Maggie Jaimeson said...

Thanks for commenting, Susan, Paty, Terri, Heather and Delle. Interesting that some of you would NOT want to live so long. One of the things my story does is also slow the aging process. So, you age normally until puberty, then (assuming you get the virus shot) you age one year for every ten solar years. So, when you are 400 years old, your body is 40 years old. :)

@Terri I like the idea of being around the grandchildren and great-great-great etc grandchildren too. I wonder if living so long would mean we would have giant family compounds where the extended family lives. Perhaps returning to calling towns by family names as they did hundreds of years ago.

@Paty I do wonder about the next generation and if ours lived longer would it stunt them? On the other hand if we stopped having to "work" would it allow us to do other things like write great books? paint great pictures? take that around-the-world motorcycle trip? that we can't do because we are working and then our bodies get tired? Or would we invest more time in charities? I also wonder if living so long would make us lackadaisical or turn only to entertainment.

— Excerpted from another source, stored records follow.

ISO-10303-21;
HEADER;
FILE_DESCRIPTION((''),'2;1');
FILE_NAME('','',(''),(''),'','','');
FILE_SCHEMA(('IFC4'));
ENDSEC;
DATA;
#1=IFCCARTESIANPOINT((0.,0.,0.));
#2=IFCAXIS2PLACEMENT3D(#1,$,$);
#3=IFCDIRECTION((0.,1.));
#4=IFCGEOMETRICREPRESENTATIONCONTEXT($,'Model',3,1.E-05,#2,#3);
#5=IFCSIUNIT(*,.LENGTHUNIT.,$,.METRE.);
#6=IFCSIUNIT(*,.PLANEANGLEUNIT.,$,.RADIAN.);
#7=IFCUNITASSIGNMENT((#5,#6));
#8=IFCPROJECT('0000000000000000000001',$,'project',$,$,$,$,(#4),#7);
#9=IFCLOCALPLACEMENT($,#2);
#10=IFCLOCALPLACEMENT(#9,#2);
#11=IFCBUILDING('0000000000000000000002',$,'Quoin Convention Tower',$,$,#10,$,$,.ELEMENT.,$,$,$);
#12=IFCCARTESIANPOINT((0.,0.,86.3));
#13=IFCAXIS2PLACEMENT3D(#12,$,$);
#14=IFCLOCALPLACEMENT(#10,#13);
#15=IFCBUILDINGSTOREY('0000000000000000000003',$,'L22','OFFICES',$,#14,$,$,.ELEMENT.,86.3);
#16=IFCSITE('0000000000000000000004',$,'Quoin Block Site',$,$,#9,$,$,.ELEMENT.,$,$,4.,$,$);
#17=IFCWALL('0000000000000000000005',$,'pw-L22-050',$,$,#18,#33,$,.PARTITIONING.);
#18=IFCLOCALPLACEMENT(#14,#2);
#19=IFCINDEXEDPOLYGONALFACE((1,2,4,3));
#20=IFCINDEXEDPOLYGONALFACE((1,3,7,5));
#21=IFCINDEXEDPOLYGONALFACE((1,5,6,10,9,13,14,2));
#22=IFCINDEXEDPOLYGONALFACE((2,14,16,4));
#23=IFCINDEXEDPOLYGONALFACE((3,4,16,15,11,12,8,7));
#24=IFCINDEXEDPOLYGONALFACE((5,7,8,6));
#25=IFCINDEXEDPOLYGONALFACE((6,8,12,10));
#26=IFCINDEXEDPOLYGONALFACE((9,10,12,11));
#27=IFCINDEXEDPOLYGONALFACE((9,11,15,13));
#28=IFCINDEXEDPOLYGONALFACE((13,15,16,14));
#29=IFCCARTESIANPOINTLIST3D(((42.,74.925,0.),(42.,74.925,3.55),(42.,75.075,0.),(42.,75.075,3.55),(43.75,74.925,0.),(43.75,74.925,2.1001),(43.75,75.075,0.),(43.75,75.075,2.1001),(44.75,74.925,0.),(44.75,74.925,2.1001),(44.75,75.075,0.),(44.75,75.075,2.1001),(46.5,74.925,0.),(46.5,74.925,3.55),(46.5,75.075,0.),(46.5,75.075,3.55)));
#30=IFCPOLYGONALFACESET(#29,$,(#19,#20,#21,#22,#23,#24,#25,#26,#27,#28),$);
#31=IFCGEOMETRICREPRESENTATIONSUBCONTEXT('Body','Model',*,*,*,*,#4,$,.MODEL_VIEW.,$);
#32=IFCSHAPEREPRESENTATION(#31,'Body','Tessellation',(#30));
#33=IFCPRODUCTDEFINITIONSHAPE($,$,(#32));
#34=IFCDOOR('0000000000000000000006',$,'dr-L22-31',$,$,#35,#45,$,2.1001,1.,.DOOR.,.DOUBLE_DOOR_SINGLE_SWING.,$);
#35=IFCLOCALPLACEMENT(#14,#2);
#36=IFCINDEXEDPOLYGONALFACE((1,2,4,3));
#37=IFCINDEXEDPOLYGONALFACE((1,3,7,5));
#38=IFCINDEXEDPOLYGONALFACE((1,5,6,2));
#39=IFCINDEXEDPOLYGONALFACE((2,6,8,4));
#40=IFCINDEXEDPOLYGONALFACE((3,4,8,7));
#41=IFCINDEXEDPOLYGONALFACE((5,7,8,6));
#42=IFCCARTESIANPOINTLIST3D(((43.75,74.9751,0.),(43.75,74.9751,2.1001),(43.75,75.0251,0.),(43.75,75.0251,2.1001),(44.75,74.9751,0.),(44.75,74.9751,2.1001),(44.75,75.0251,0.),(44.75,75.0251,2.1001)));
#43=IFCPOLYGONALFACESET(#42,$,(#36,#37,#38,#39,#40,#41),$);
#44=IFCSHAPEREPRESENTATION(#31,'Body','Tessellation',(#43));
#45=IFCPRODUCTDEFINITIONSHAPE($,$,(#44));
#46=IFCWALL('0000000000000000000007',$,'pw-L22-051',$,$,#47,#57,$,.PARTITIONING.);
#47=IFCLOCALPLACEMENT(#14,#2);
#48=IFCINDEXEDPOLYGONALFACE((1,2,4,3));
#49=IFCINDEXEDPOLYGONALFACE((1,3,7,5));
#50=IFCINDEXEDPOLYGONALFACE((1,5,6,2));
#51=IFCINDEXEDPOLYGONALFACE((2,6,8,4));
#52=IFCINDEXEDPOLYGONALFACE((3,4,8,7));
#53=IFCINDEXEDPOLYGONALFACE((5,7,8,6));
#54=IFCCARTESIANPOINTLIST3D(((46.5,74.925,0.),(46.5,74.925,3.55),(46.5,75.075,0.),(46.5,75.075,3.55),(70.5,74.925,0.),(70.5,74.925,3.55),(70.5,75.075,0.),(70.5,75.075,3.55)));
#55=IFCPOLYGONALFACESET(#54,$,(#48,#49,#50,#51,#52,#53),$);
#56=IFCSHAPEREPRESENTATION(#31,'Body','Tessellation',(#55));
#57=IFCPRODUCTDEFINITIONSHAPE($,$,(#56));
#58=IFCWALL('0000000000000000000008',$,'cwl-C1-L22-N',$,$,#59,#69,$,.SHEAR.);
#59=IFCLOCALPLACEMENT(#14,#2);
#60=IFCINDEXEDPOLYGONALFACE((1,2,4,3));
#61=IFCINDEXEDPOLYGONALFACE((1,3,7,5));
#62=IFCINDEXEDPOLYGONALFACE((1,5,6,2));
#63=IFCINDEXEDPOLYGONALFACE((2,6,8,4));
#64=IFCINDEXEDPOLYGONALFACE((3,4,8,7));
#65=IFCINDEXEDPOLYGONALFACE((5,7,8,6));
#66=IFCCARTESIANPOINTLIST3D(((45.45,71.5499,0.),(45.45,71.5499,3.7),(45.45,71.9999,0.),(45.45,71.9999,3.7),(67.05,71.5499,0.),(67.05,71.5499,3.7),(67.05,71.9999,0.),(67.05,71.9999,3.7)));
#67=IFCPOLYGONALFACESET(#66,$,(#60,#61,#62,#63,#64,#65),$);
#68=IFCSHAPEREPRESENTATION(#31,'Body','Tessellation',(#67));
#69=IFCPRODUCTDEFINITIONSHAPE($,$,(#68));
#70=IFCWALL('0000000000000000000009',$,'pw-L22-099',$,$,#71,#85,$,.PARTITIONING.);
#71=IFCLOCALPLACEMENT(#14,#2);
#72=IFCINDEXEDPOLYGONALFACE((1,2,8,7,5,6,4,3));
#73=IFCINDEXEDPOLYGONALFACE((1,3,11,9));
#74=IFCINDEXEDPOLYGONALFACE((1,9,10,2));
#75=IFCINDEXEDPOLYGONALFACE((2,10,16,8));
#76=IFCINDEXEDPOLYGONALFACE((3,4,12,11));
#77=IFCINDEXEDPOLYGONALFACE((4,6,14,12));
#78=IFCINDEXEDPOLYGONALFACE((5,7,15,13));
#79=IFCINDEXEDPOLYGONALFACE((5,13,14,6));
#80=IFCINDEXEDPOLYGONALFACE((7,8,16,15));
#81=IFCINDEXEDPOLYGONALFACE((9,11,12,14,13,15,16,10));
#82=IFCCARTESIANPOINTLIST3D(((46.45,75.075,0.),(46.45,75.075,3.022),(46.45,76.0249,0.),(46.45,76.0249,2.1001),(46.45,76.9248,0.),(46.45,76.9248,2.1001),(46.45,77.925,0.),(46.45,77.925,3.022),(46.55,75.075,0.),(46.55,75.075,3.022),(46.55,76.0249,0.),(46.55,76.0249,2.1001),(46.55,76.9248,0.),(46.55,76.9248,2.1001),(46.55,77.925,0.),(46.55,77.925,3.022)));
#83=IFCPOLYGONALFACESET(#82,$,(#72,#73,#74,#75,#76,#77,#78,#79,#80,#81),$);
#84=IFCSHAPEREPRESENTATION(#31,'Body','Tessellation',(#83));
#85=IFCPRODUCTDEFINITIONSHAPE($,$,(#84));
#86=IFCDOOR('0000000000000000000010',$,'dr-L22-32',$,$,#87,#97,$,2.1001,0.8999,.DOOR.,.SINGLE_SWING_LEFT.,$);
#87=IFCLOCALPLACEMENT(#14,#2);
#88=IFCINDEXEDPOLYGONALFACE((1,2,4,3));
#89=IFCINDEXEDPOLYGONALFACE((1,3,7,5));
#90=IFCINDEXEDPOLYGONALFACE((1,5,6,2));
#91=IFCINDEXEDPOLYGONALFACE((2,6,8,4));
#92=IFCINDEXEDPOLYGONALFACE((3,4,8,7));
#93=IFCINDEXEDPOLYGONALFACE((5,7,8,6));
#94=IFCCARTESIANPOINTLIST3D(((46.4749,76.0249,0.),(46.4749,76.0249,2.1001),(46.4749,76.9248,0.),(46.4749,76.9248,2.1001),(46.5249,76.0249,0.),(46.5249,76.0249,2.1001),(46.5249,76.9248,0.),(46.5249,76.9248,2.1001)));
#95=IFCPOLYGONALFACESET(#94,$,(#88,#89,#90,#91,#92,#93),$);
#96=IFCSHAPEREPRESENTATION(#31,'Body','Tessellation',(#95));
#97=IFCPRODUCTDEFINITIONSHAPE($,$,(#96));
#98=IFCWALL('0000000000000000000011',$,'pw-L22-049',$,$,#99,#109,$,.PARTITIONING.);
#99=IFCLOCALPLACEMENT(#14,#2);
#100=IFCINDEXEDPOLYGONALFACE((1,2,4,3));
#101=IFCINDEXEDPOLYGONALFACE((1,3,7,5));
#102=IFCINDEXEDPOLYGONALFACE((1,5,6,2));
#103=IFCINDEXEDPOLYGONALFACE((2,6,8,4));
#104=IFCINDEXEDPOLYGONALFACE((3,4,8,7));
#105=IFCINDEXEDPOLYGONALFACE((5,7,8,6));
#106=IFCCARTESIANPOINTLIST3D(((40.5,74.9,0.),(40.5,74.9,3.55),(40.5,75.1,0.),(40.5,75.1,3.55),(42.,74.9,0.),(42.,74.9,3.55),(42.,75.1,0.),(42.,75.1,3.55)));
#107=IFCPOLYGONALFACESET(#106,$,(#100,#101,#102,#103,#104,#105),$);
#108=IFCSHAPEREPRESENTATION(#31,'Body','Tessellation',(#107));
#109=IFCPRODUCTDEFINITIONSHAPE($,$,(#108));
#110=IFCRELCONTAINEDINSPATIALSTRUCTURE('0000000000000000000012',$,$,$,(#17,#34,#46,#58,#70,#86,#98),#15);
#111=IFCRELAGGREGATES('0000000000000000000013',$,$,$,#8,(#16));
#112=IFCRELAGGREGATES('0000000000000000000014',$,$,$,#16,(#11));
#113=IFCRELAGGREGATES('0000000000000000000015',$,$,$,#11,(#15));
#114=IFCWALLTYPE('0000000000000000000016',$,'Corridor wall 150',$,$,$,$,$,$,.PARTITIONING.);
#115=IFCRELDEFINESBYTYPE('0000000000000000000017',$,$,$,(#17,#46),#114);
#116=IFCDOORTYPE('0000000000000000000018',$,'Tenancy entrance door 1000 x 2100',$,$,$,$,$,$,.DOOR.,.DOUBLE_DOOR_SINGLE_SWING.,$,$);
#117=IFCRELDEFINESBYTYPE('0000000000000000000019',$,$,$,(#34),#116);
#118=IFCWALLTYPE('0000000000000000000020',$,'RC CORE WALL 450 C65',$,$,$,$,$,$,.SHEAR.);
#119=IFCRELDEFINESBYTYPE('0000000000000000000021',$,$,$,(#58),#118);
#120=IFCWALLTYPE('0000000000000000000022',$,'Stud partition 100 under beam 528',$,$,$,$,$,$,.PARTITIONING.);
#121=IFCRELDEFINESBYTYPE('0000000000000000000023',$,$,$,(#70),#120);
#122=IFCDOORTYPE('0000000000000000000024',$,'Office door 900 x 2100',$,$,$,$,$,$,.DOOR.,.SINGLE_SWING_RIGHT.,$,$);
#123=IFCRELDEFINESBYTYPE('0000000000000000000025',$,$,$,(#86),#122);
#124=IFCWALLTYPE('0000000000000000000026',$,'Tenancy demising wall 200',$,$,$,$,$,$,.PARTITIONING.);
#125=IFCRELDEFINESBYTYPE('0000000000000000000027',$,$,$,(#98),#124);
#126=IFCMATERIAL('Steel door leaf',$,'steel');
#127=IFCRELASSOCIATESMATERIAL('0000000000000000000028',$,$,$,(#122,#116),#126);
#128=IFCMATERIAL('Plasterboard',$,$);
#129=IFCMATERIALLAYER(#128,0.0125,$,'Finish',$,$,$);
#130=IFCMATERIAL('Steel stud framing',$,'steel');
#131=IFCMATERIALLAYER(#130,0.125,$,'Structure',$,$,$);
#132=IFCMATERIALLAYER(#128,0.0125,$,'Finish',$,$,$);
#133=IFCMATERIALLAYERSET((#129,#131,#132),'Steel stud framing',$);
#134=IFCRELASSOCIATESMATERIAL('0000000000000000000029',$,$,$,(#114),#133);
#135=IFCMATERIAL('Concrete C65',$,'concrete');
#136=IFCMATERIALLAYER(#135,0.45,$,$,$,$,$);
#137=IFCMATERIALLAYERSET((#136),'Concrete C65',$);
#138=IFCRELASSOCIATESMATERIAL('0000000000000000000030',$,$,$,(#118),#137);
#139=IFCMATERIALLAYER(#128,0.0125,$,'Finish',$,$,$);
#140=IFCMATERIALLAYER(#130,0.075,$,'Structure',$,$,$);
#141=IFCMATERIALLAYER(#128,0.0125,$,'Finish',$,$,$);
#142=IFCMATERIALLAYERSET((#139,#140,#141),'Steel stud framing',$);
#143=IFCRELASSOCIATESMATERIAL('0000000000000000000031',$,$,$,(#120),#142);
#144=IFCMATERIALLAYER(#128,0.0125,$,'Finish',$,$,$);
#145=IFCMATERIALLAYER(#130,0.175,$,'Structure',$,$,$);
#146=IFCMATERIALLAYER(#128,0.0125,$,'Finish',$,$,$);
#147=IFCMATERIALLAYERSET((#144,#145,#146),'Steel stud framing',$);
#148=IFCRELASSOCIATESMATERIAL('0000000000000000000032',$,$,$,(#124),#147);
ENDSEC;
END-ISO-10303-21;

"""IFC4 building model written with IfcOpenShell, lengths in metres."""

from ifc_helpers import new_model, si_unit, direction, frame, frame_2d, origin, place, context, subcontext, project, spatial, rectangle, extrude, material, layer, layer_set, type_object, element, fill, save


model = new_model("IFC4")

# Units and contexts
model_context = context("Model", 3, precision=1e-05, world=origin(), true_north=direction((0.0, 1.0)))
body_context = subcontext(model_context, "Body", "Model", "MODEL_VIEW")
ifc_project = project(units=[si_unit("LENGTHUNIT", "METRE"), si_unit("PLANEANGLEUNIT", "RADIAN")], contexts=[model_context])

# Site, building, storey
site_placement = place(None, origin())
site = spatial("IfcSite", under=ifc_project, at=site_placement, Name="Quoin Block Site", CompositionType="ELEMENT", RefElevation=4.0)
building_placement = place(site_placement, origin())
building = spatial("IfcBuilding", under=site, at=building_placement, Name="Quoin Convention Tower", CompositionType="ELEMENT")
storey_placement = place(building_placement, frame((0.0, 0.0, 86.3)))
storey = spatial("IfcBuildingStorey", under=building, at=storey_placement, Name="L22", Description="OFFICES", CompositionType="ELEMENT", Elevation=86.3)

# Shared definitions
ifc_material_1 = material(Name="Concrete C65", Category="concrete")

# Shared definitions
ifc_material_2 = material(Name="Plasterboard")
ifc_material_3 = material(Name="Steel stud framing", Category="steel")

# Shared definitions
ifc_material_4 = material(Name="Steel door leaf", Category="steel")
door_type_1 = type_object("IfcDoorType", Name="Office door 900 x 2100", OperationType="SINGLE_SWING_RIGHT", PredefinedType="DOOR", material=ifc_material_4)

# Wall, opening, door
ifc_layer_1 = layer(ifc_material_2, 0.0125, Name="Finish")
ifc_layer_2 = layer(ifc_material_3, 0.125, Name="Structure")
ifc_layer_3 = layer(ifc_material_2, 0.0125, Name="Finish")
ifc_layer_set_1 = layer_set([ifc_layer_1, ifc_layer_2, ifc_layer_3], Name="Steel stud framing")
wall_type_1 = type_object("IfcWallType", Name="Corridor wall 150", PredefinedType="PARTITIONING", material=ifc_layer_set_1)
wall_1_placement = place(storey_placement, frame((42.0, 75.0, 0.0), z_axis=(0.0, 0.0, 1.0), x_axis=(1.0, 0.0, 0.0)))
wall_1 = element("IfcWall", 1, at=wall_1_placement, inside=storey, type_object=wall_type_1, Name="pw-L22-050", PredefinedType="PARTITIONING", context=body_context, shape_type="SweptSolid", body=[
    extrude(rectangle(XDim=4.5, YDim=0.1499, at=frame_2d((2.25, 0.0))), origin(), (0.0, 0.0, 1.0), 3.55),
])
opening_1_placement = place(wall_1_placement, frame((1.75, 0.0, 0.0)))
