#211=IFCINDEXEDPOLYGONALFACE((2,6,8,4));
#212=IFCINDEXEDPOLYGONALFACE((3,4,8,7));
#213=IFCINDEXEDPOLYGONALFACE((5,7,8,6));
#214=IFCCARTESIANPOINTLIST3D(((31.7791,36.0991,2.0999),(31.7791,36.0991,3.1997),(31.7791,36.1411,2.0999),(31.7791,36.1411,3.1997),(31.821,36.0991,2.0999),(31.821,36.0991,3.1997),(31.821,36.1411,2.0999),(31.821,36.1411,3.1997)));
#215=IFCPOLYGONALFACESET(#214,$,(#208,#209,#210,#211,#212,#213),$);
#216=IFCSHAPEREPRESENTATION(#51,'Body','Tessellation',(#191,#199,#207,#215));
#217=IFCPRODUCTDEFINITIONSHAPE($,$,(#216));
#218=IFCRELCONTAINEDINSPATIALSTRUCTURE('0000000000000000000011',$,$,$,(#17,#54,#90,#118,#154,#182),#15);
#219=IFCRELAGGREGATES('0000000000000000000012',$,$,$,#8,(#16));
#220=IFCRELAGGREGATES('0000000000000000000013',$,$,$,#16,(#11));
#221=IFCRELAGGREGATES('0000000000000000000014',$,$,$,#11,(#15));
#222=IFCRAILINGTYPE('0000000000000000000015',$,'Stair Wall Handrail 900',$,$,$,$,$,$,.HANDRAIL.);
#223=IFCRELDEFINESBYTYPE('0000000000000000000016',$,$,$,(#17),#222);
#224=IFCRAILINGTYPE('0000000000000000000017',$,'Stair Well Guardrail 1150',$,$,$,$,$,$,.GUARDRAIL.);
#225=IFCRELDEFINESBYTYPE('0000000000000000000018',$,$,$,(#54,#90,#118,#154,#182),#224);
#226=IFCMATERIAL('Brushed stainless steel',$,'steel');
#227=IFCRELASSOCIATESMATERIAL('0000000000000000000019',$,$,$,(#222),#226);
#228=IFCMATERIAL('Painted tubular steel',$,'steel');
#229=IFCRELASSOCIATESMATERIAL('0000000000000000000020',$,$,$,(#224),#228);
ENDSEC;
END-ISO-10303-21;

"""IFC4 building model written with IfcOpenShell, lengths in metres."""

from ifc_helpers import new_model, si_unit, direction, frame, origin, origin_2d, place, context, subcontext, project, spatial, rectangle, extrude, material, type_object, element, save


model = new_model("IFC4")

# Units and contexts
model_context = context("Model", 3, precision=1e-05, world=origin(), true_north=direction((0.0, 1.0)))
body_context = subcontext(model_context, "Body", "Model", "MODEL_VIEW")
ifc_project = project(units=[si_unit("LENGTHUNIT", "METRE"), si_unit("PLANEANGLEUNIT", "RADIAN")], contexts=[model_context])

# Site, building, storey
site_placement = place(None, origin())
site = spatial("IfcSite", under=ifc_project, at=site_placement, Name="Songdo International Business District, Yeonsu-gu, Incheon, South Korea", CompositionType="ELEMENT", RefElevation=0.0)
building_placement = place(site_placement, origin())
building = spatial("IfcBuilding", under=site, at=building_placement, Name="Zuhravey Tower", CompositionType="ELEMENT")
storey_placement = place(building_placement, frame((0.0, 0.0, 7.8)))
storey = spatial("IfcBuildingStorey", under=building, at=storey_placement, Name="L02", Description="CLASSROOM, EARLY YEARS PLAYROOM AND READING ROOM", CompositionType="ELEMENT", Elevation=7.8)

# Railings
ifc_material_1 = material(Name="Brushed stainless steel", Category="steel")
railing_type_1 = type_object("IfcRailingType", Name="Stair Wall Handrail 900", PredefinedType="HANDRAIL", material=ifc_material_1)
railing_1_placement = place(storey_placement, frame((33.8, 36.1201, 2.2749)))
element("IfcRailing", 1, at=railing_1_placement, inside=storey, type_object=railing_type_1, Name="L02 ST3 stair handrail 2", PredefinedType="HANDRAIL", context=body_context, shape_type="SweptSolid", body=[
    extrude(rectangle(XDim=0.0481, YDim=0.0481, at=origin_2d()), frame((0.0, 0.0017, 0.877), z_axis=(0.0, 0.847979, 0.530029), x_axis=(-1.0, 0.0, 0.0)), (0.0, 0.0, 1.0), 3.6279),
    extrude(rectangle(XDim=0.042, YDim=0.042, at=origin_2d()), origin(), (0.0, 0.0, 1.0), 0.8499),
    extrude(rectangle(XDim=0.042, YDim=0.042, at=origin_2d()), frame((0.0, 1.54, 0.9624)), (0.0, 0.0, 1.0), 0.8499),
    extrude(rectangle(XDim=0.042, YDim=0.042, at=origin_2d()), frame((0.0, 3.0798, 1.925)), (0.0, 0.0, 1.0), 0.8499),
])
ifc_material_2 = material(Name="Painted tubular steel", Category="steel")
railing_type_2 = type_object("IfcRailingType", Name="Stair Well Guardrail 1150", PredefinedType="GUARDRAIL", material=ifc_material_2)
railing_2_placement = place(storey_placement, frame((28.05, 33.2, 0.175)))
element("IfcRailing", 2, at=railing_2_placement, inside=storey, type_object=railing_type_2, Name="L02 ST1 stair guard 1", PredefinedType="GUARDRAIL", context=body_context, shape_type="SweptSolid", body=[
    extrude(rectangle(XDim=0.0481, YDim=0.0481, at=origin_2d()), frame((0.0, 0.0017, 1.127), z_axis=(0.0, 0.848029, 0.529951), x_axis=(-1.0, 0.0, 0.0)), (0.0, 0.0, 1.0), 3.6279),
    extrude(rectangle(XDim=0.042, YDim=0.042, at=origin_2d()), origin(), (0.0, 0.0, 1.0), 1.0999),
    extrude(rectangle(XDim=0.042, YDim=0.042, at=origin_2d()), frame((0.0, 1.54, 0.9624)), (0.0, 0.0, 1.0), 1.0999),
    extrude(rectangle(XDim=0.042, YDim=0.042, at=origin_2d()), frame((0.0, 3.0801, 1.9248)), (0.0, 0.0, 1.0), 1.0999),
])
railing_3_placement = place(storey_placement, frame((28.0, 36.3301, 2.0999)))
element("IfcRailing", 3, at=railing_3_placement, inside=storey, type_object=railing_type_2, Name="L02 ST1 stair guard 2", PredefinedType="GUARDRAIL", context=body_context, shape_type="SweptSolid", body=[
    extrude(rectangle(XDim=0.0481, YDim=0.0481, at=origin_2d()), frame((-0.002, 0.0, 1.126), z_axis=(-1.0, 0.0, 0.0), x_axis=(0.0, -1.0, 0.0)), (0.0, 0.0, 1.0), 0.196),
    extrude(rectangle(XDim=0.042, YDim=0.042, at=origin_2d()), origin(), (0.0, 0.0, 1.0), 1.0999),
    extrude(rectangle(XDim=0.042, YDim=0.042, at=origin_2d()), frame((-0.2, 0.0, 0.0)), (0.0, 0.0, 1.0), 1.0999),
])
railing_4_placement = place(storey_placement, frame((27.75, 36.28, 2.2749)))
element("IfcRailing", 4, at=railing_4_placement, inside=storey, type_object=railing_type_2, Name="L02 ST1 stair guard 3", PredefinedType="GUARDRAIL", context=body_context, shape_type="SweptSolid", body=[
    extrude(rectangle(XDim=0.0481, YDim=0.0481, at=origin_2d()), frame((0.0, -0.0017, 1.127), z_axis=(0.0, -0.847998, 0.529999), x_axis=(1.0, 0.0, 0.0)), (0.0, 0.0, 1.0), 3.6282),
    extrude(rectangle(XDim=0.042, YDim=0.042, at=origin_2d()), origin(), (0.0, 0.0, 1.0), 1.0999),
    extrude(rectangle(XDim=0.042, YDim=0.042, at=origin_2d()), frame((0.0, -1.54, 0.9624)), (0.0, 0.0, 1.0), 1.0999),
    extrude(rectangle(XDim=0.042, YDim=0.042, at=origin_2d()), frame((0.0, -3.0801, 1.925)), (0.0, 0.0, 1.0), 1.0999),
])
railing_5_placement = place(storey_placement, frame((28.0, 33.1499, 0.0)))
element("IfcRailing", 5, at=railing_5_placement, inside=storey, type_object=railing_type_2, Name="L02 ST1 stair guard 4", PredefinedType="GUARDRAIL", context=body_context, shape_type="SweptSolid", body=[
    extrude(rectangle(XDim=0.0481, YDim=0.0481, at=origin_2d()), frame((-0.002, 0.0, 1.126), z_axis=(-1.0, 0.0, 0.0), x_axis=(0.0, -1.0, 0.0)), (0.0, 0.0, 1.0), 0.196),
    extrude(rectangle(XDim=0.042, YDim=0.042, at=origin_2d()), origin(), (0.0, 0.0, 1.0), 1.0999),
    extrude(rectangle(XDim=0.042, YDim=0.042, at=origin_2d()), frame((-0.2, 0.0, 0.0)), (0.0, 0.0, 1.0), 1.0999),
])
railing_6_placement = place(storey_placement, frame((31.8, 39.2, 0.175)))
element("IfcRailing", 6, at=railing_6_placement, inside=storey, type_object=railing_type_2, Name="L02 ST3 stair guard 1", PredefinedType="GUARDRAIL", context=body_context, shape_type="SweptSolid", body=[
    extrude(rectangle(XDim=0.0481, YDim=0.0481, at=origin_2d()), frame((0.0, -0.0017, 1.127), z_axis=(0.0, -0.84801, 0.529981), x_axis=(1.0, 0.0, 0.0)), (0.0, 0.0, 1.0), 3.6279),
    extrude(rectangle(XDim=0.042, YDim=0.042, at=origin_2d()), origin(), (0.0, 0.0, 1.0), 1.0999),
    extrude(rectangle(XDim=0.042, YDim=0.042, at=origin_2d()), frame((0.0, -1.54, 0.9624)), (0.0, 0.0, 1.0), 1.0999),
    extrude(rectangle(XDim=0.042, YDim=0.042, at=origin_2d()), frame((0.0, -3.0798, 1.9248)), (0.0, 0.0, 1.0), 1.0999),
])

@Susan the mortgage paid off? Now that is something. Or you could have refinanced it 20 times. :)

I'll choose the book freebies at the end of the week. At the moment I'm at a business conference in L.A. Thanks again for visiting!

Maggie Jaimeson said...

Back from conferencing. Lost my luggage again. I think the L.A. - Eureka connection is not good. However, the airport is good about delivering it when it gets in. It will show up some time tonight. In the meantime I have a good excuse for having nothing to wear. :)

Anyway, free books to Susan, Paty, and Terri. I'll contact you offline.